Monday, November 8, 2010: 8:50 AM
255 B Room (Salt Palace Convention Center)
Activation of ErbB receptor tyrosine kinases initiates cell signaling pathways for differentiation, proliferation, and survival. Receptor activation simultaneously leads to up-regulation of molecular feedback regulators of ErbB signal duration and specificity, two of the most important of which are Spry2 and Mig6. Spry2, a member of a family of four Sprouty proteins, regulates the MAP kinase cascade at multiple levels while also regulating endocytosis of the epidermal growth factor receptor (EGFR/ErbB1). Mig6 is a pan-ErbB inhibitor that blocks dimerization-driven receptor kinase activation. The complete functionality of these regulators and how their activities are integrated to determine ErbB signaling dynamics is not fully understood. We examined how Spry2 and Mig6 function together in the context of non-small cell lung cancers (NSCLC) characterized by elevated expression of EGFR. In particular, we sought to answer the question of how Spry2 and Mig6 might differentially contribute to certain cancer phenotypes in NSCLC cells expressing wild-type EGFR or the recently discovered constitutively active EGFR mutants which confer cellular sensitivity to EGFR kinase inhibitors.
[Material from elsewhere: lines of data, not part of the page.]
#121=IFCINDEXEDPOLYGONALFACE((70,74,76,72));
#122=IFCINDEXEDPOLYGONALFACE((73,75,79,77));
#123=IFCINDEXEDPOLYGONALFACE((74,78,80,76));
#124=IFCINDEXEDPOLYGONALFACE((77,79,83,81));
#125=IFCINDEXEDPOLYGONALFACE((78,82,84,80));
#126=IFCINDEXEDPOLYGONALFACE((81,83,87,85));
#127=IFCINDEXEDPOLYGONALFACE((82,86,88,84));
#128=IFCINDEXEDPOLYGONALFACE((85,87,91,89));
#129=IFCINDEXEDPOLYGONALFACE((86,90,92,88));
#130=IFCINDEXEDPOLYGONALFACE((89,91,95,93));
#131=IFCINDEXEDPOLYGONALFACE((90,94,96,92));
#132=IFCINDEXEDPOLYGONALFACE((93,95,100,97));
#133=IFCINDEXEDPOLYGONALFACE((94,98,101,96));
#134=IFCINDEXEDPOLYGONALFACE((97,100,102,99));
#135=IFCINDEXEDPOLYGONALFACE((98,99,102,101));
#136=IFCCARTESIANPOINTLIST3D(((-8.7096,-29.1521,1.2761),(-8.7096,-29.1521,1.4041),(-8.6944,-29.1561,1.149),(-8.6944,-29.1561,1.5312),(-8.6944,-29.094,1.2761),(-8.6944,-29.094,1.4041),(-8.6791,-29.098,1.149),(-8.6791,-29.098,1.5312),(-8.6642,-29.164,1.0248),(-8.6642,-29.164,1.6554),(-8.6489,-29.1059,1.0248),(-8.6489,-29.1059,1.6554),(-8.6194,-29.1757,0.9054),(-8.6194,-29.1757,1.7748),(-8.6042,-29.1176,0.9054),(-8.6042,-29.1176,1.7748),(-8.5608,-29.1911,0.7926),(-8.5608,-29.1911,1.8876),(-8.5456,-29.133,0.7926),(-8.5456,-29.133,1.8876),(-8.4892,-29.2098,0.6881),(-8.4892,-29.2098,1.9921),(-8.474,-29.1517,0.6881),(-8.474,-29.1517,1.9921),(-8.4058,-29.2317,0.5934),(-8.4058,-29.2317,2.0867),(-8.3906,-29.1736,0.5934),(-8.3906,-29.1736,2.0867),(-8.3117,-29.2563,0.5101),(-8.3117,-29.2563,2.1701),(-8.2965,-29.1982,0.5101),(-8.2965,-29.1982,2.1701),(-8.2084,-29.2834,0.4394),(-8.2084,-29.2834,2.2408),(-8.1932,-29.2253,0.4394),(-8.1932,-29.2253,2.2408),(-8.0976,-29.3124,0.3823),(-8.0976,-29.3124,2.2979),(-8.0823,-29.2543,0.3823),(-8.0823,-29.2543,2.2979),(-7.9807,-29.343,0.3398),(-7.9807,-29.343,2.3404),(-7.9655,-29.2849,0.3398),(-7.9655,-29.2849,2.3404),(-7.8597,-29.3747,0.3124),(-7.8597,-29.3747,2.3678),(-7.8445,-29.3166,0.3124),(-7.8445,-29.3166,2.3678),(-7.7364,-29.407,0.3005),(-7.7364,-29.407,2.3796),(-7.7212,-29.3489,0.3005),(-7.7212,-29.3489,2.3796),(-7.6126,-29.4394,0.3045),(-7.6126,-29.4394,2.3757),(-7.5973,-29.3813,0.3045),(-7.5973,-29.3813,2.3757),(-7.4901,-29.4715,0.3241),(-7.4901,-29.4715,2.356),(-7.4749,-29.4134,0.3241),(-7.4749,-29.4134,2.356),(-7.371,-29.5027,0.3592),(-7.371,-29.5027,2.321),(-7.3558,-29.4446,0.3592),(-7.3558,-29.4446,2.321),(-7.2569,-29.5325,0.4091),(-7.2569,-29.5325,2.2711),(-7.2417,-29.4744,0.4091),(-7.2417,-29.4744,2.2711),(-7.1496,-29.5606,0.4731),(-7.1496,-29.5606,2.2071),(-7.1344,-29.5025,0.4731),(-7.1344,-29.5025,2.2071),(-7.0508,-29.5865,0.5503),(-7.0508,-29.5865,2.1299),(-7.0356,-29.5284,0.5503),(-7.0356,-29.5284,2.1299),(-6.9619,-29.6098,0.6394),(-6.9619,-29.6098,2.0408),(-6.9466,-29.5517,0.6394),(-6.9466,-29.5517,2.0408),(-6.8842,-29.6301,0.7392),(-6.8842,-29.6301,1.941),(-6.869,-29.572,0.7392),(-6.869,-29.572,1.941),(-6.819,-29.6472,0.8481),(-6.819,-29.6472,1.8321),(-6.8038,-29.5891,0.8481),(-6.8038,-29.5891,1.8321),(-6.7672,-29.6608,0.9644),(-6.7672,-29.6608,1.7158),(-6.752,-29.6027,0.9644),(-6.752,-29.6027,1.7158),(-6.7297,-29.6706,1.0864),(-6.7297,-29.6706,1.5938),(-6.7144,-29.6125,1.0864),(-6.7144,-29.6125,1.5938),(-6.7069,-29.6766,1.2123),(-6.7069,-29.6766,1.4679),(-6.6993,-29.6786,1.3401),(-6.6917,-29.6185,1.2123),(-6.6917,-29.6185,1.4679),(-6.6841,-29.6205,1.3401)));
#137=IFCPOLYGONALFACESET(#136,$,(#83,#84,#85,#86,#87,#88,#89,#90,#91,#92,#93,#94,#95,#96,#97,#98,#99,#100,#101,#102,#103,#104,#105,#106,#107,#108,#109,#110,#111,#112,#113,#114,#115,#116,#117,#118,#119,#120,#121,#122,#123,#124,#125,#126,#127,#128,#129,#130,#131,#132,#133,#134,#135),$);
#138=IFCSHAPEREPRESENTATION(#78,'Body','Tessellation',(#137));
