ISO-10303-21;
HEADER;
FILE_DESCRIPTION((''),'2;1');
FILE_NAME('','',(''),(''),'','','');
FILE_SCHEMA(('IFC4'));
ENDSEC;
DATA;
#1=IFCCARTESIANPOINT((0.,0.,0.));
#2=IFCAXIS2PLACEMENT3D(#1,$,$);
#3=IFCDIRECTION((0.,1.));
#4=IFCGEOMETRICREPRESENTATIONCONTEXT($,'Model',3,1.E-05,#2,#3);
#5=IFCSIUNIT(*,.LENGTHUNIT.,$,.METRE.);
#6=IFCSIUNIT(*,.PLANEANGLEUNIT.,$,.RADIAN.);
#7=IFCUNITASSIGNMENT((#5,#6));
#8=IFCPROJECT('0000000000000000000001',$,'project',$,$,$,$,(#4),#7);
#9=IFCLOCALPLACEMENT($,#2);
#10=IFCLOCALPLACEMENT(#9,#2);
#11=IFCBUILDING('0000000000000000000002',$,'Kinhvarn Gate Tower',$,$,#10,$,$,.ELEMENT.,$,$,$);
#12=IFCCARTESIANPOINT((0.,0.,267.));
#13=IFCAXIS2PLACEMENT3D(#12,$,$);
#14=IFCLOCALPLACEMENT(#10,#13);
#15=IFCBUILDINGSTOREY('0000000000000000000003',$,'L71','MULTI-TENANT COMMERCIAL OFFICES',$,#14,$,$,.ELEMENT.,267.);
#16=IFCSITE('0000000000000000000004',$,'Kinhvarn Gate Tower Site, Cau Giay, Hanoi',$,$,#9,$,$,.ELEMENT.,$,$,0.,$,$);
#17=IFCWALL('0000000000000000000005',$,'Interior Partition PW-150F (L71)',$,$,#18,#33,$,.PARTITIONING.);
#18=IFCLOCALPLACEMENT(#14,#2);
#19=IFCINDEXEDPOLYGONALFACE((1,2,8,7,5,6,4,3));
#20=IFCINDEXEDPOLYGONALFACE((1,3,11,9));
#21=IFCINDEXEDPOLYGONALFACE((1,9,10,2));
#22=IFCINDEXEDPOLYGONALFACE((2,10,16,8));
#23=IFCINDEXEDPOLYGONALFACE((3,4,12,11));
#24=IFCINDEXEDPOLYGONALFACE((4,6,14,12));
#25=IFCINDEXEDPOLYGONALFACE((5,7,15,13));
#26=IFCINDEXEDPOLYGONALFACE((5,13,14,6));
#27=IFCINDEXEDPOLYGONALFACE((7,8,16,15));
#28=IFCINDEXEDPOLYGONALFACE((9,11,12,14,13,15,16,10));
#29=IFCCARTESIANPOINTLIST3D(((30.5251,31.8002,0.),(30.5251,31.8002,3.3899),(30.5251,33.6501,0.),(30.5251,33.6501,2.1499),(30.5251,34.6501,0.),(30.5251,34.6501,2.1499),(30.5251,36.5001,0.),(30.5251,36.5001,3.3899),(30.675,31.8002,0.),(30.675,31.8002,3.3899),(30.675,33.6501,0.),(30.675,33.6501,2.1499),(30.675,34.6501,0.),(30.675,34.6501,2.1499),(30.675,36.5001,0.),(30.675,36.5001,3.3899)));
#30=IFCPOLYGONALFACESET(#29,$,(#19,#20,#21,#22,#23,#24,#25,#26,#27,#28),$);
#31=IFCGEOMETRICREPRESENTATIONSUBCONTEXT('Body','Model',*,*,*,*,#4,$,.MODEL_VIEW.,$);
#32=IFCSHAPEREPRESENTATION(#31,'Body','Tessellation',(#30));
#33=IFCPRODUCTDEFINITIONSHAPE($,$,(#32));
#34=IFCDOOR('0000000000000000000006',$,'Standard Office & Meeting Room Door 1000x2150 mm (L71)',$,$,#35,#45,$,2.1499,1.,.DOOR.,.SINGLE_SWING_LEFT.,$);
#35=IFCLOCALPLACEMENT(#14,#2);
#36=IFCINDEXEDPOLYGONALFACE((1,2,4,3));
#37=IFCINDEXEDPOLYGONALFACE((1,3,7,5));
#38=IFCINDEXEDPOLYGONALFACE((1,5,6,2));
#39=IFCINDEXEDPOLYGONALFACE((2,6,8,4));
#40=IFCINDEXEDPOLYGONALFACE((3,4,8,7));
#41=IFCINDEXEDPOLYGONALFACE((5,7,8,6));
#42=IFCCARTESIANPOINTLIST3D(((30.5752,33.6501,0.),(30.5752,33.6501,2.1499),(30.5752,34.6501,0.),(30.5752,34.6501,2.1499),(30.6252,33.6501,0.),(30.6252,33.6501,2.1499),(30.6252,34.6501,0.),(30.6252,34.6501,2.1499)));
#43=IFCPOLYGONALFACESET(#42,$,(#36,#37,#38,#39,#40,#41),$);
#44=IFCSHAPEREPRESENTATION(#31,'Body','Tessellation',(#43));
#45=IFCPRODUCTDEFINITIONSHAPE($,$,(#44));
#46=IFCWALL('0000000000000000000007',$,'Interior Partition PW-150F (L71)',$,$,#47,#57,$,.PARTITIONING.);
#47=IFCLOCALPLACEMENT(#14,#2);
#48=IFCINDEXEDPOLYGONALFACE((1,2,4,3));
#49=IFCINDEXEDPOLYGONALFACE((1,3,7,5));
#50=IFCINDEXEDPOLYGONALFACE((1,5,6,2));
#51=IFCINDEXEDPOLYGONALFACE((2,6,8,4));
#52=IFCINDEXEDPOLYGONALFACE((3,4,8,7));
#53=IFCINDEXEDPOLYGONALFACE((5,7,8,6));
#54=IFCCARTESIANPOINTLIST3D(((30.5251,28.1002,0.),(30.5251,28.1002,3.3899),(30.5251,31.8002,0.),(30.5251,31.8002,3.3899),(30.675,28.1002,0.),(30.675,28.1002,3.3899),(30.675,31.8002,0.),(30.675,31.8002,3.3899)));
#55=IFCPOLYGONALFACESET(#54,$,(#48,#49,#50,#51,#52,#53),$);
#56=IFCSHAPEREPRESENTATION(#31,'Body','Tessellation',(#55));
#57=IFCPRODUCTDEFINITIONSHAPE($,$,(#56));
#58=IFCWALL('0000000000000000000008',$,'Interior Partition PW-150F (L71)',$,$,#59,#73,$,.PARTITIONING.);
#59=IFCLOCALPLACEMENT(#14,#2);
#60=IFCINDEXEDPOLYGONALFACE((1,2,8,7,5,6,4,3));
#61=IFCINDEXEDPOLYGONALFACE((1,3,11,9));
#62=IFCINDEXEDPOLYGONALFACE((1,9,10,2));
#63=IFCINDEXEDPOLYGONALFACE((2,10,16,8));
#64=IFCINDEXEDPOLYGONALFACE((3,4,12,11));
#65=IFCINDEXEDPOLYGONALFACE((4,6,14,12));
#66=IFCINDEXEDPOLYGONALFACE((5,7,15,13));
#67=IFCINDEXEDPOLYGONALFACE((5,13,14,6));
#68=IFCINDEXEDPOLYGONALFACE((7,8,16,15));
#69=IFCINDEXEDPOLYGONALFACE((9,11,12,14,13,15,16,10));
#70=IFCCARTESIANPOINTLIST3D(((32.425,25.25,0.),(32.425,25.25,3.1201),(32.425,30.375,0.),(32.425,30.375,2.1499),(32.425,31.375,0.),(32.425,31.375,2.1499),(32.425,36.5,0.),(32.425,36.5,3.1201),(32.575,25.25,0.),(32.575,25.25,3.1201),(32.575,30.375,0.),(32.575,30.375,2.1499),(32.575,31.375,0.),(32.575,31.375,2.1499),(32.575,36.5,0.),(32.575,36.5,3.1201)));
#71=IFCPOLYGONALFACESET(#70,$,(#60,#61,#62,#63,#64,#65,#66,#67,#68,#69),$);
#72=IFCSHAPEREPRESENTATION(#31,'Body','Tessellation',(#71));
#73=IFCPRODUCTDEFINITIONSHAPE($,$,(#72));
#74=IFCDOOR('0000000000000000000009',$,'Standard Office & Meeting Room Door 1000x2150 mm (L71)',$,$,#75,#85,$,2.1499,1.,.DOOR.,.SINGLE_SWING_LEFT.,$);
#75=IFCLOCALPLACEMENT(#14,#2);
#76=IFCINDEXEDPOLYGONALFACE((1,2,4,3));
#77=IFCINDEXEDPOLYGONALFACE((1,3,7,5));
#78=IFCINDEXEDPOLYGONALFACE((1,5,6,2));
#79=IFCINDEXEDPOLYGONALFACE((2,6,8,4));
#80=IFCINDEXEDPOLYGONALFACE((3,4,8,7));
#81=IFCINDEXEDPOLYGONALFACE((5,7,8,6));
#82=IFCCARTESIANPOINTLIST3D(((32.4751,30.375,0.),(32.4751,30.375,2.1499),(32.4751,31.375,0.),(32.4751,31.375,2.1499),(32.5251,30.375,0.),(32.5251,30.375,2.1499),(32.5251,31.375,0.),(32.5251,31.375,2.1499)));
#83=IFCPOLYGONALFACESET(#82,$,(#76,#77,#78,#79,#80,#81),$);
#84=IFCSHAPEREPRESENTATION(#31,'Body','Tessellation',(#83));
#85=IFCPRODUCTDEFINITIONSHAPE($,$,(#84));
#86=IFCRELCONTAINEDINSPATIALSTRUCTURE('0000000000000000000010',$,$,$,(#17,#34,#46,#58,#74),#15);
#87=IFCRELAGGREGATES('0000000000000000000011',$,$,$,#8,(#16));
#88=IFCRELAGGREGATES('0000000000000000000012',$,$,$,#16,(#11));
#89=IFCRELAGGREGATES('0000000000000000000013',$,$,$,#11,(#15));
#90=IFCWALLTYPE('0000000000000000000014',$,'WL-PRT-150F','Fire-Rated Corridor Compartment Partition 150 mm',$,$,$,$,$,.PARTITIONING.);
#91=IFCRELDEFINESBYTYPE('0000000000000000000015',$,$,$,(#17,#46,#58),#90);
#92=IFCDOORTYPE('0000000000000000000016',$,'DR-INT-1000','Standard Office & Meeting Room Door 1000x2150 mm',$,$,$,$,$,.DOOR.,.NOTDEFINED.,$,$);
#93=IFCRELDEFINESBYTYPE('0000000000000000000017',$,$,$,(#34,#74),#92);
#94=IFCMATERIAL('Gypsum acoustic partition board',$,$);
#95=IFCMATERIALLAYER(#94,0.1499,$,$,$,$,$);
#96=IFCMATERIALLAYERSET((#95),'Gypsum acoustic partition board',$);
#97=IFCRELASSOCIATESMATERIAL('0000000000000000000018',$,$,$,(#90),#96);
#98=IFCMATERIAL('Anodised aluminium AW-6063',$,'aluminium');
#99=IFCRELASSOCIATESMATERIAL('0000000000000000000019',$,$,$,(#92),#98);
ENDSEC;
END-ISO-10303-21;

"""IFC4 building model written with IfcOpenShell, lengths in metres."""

from ifc_helpers import new_model, si_unit, direction, frame, frame_2d, origin, place, context, subcontext, project, spatial, rectangle, extrude, material, layer, layer_set, type_object, element, fill, save


model = new_model("IFC4")

# Units and contexts
model_context = context("Model", 3, precision=1e-05, world=origin(), true_north=direction((0.0, 1.0)))
body_context = subcontext(model_context, "Body", "Model", "MODEL_VIEW")
ifc_project = project(units=[si_unit("LENGTHUNIT", "METRE"), si_unit("PLANEANGLEUNIT", "RADIAN")], contexts=[model_context])

# Site, building, storey
site_placement = place(None, origin())
site = spatial("IfcSite", under=ifc_project, at=site_placement, Name="Kinhvarn Gate Tower Site, Cau Giay, Hanoi", CompositionType="ELEMENT", RefElevation=0.0)
building_placement = place(site_placement, origin())
building = spatial("IfcBuilding", under=site, at=building_placement, Name="Kinhvarn Gate Tower", CompositionType="ELEMENT")
storey_placement = place(building_placement, frame((0.0, 0.0, 267.0)))
storey = spatial("IfcBuildingStorey", under=building, at=storey_placement, Name="L71", Description="MULTI-TENANT COMMERCIAL OFFICES", CompositionType="ELEMENT", Elevation=267.0)

# Shared definitions
ifc_material_1 = material(Name="Gypsum acoustic partition board")

# Wall, opening, door
ifc_layer_1 = layer(ifc_material_1, 0.1499)
ifc_layer_set_1 = layer_set([ifc_layer_1], Name="Gypsum acoustic partition board")
wall_type_1 = type_object("IfcWallType", Name="WL-PRT-150F", Description="Fire-Rated Corridor Compartment Partition 150 mm", PredefinedType="PARTITIONING", material=ifc_layer_set_1)
wall_1_placement = place(storey_placement, frame((30.6001, 31.8, 0.0), z_axis=(0.0, 0.0, 1.0), x_axis=(0.0, 1.0, 0.0)))
wall_1 = element("IfcWall", 1, at=wall_1_placement, inside=storey, type_object=wall_type_1, Name="Interior Partition PW-150F (L71)", PredefinedType="PARTITIONING", context=body_context, shape_type="SweptSolid", body=[
    extrude(rectangle(XDim=4.7, YDim=0.1499, at=frame_2d((2.3501, 0.0))), origin(), (0.0, 0.0, 1.0), 3.3899),
])
opening_1_placement = place(wall_1_placement, frame((1.8501, 0.0, 0.0)))
opening_1 = element("IfcOpeningElement", 2, at=opening_1_placement, cuts=wall_1, PredefinedType="OPENING", context=body_context, shape_type="SweptSolid", body=[
    extrude(rectangle(XDim=1.0, YDim=2.1499, at=frame_2d((0.5, 1.075))), frame((0.0, 0.085, 0.0), z_axis=(0.0, -1.0, 0.0), x_axis=(1.0, 0.0, 0.0)), (0.0, 0.0, 1.0), 0.1699),
])
ifc_material_2 = material(Name="Anodised aluminium AW-6063", Category="aluminium")
door_type = type_object("IfcDoorType", Name="DR-INT-1000", Description="Standard Office & Meeting Room Door 1000x2150 mm", OperationType="NOTDEFINED", PredefinedType="DOOR", material=ifc_material_2)
door_1_placement = place(opening_1_placement, origin())
door_1 = element("IfcDoor", 3, at=door_1_placement, inside=storey, type_object=door_type, Name="Standard Office & Meeting Room Door 1000x2150 mm (L71)", OperationType="SINGLE_SWING_LEFT", OverallHeight=2.1499, OverallWidth=1.0, PredefinedType="DOOR", context=body_context, shape_type="SweptSolid", body=[
    extrude(rectangle(XDim=1.0, YDim=2.1499, at=frame_2d((0.5, 1.075))), frame((0.0, 0.0249, 0.0), z_axis=(0.0, -1.0, 0.0), x_axis=(1.0, 0.0, 0.0)), (0.0, 0.0, 1.0), 0.05),
])
fill(opening_1, door_1)

# Wall
wall_2_placement = place(storey_placement, frame((30.6001, 28.1001, 0.0), z_axis=(0.0, 0.0, 1.0), x_axis=(0.0, 1.0, 0.0)))
element("IfcWall", 4, at=wall_2_placement, inside=storey, type_object=wall_type_1, Name="Interior Partition PW-150F (L71)", PredefinedType="PARTITIONING", context=body_context, shape_type="SweptSolid", body=[
    extrude(rectangle(XDim=3.7, YDim=0.1499, at=frame_2d((1.8501, 0.0))), origin(), (0.0, 0.0, 1.0), 3.3899),
])

# Wall, opening, door
wall_3_placement = place(storey_placement, frame((32.5, 25.25, 0.0), z_axis=(0.0, 0.0, 1.0), x_axis=(0.0, 1.0, 0.0)))
wall_3 = element("IfcWall", 5, at=wall_3_placement, inside=storey, type_object=wall_type_1, Name="Interior Partition PW-150F (L71)", PredefinedType="PARTITIONING", context=body_context, shape_type="SweptSolid", body=[
    extrude(rectangle(XDim=11.25, YDim=0.1499, at=frame_2d((5.625, 0.0))), origin(), (0.0, 0.0, 1.0), 3.1201),
])
opening_2_placement = place(wall_3_placement, frame((5.125, 0.0, 0.0)))
opening_2 = element("IfcOpeningElement", 6, at=opening_2_placement, cuts=wall_3, PredefinedType="OPENING", context=body_context, shape_type="SweptSolid", body=[
    extrude(rectangle(XDim=1.0, YDim=2.1499, at=frame_2d((0.5, 1.075))), frame((0.0, 0.085, 0.0), z_axis=(0.0, -1.0, 0.0), x_axis=(1.0, 0.0, 0.0)), (0.0, 0.0, 1.0), 0.1699),
])
door_2_placement = place(opening_2_placement, origin())
door_2 = element("IfcDoor", 7, at=door_2_placement, inside=storey, type_object=door_type, Name="Standard Office & Meeting Room Door 1000x2150 mm (L71)", OperationType="SINGLE_SWING_LEFT", OverallHeight=2.1499, OverallWidth=1.0, PredefinedType="DOOR", context=body_context, shape_type="SweptSolid", body=[
    extrude(rectangle(XDim=1.0, YDim=2.1499, at=frame_2d((0.5, 1.075))), frame((0.0, 0.0249, 0.0), z_axis=(0.0, -1.0, 0.0), x_axis=(1.0, 0.0, 0.0)), (0.0, 0.0, 1.0), 0.05),
])
fill(opening_2, door_2)

save(model, "model.ifc")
The effects of shRNA-mediated knockdown or expression of Spry2 and Mig6 alone or in combination were examined in a panel of NSCLC cell lines with variable sensitivity to EGFR kinase inhibitors. We measured the effects of shRNA knockdown, reconstitution, and over-expression on EGFR endocytosis rate constants and the activities of downstream signaling pathways such as PI3K/AKT and ERK. Within this framework, we also measured cell death response to the specific EGFR tyrosine kinase inhibitor gefitinib. Results indicated that the roles of these feedback regulators are cell-context specific. More importantly, our findings suggest that these feedback regulators may contribute to sustained signaling from mutants receptors or function as tumor suppressors, depending on the context.